# DVB-T drivers



## michaelrmgreen (Dec 18, 2008)

I've Googled extensively for some time but the only dvb-t tuner driver seems to be this: http://raaf.atspace.org/dvbusb/

Does anyone know of more general dvb-t tuner driver support in development?


----------



## lme@ (Dec 18, 2008)

Check the multimedia mailinglist, there was a port mentioned which supports some pci dvb-t cards.


----------



## michaelrmgreen (Dec 19, 2008)

I checked here:
http://lists.freebsd.org/mailman/mmsearch/freebsd-multimedia
and got 3 4star matches to 'dbv-t', none with a reply.

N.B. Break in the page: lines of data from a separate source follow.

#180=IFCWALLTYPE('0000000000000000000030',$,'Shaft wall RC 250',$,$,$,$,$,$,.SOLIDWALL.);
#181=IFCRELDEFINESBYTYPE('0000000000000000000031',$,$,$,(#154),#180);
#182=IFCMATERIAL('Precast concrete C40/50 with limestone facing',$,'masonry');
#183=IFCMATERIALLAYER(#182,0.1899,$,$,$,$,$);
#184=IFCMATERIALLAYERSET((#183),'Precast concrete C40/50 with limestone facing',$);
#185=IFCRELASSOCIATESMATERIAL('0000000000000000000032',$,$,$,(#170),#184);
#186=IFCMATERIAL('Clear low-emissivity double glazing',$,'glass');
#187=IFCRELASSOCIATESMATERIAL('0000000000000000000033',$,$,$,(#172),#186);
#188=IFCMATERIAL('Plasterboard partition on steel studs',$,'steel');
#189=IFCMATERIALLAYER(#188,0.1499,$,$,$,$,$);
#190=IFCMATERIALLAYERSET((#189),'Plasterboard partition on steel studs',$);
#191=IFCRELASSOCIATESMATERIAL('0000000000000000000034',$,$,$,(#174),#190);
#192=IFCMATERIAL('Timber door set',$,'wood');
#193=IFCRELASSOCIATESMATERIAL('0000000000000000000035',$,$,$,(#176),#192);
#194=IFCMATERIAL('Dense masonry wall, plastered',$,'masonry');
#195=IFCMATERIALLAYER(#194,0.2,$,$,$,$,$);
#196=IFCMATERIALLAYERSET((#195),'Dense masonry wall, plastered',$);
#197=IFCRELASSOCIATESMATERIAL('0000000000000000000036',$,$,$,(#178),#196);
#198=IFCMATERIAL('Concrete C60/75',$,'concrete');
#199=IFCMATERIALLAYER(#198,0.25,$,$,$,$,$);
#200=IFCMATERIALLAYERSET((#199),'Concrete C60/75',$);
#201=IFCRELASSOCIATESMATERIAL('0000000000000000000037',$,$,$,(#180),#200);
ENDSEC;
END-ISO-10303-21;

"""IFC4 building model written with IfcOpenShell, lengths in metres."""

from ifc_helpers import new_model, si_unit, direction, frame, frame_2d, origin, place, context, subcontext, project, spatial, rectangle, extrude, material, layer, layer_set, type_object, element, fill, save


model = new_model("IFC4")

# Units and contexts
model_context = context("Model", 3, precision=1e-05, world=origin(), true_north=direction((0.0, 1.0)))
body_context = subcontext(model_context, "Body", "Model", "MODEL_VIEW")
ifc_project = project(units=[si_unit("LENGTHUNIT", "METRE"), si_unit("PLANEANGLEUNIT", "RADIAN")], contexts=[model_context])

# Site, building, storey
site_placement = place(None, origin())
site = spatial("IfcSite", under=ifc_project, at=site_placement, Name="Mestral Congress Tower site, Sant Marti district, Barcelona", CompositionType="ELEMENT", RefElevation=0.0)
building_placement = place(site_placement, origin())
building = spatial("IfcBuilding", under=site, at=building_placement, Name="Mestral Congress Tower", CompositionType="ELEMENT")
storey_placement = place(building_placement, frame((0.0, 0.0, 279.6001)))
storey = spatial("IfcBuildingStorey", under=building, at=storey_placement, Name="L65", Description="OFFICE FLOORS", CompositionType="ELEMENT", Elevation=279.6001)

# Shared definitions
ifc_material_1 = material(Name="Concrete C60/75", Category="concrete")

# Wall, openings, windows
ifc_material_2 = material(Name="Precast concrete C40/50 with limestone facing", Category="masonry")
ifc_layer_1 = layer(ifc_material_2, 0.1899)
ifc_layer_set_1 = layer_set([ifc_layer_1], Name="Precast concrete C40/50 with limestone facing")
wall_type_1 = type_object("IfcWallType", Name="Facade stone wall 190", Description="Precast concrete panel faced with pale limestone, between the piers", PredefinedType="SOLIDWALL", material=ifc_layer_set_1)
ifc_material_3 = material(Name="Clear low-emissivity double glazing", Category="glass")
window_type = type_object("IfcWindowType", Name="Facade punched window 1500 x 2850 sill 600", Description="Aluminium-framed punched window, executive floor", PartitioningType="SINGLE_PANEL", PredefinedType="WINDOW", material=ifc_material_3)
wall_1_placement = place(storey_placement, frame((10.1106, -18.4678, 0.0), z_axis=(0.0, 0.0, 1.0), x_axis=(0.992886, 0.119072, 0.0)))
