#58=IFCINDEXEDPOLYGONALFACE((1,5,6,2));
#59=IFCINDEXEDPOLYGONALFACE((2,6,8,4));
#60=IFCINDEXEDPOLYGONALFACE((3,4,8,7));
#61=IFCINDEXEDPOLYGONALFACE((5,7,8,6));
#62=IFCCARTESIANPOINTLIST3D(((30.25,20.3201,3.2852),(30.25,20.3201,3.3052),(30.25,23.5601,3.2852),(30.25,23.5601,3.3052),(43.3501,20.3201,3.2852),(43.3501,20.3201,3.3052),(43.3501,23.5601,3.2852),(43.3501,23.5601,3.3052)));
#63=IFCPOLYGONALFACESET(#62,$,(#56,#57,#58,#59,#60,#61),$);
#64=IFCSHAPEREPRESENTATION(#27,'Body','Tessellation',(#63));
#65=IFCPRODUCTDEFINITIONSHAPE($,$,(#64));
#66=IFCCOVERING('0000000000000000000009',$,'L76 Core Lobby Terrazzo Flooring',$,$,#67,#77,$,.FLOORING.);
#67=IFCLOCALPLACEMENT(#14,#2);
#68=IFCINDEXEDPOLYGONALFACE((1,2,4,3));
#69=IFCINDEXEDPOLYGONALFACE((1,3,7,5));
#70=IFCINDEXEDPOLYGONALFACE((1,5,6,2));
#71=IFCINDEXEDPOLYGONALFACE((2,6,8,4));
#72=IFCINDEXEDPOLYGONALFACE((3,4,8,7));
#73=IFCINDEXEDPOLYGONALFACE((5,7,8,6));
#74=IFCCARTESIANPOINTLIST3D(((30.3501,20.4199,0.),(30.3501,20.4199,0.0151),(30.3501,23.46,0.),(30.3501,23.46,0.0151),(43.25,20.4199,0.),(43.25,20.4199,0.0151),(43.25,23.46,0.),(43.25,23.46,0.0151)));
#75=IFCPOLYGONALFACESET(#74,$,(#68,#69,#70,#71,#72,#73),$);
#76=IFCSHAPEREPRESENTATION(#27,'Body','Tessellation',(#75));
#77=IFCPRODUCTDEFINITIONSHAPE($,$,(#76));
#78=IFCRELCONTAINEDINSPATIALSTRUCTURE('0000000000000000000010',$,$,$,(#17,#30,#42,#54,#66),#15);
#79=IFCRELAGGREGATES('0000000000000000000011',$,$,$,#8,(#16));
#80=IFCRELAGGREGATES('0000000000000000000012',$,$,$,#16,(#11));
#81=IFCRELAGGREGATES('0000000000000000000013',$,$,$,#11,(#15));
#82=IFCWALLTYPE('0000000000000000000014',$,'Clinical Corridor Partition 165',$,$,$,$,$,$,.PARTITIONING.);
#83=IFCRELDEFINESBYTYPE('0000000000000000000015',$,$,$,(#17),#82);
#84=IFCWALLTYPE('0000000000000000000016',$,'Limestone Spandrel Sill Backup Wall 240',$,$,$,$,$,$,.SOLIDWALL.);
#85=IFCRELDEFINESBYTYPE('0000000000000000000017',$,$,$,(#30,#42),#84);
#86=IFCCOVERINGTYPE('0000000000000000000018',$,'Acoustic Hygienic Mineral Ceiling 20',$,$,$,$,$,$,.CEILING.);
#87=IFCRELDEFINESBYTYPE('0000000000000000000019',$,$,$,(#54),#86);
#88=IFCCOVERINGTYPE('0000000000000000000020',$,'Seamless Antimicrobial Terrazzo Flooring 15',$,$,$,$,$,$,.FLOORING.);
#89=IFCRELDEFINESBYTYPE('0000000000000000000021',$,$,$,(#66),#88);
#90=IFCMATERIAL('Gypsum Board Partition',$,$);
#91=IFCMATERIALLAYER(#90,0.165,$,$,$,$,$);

Thanks anyway. Back to GB-PVR on WinXP I guess, sigh.


----------



## AB-stromer (Dec 19, 2008)

look to this thread

http://forums.freebsd.org/showthread.php?t=588

and the HowTo's for use of cx88 drivers for Hauppauge WinTV-HVR 1300
in case it's of interest for you


----------



## minimike (Oct 3, 2010)

Hi

Dont know but do FreeBSD supports DVB-T devices? I have got a USB DVB-T Stick from MSI and i hope to get them running to watch TV  It seems it haves a Rtl2832UDVB Chip build in.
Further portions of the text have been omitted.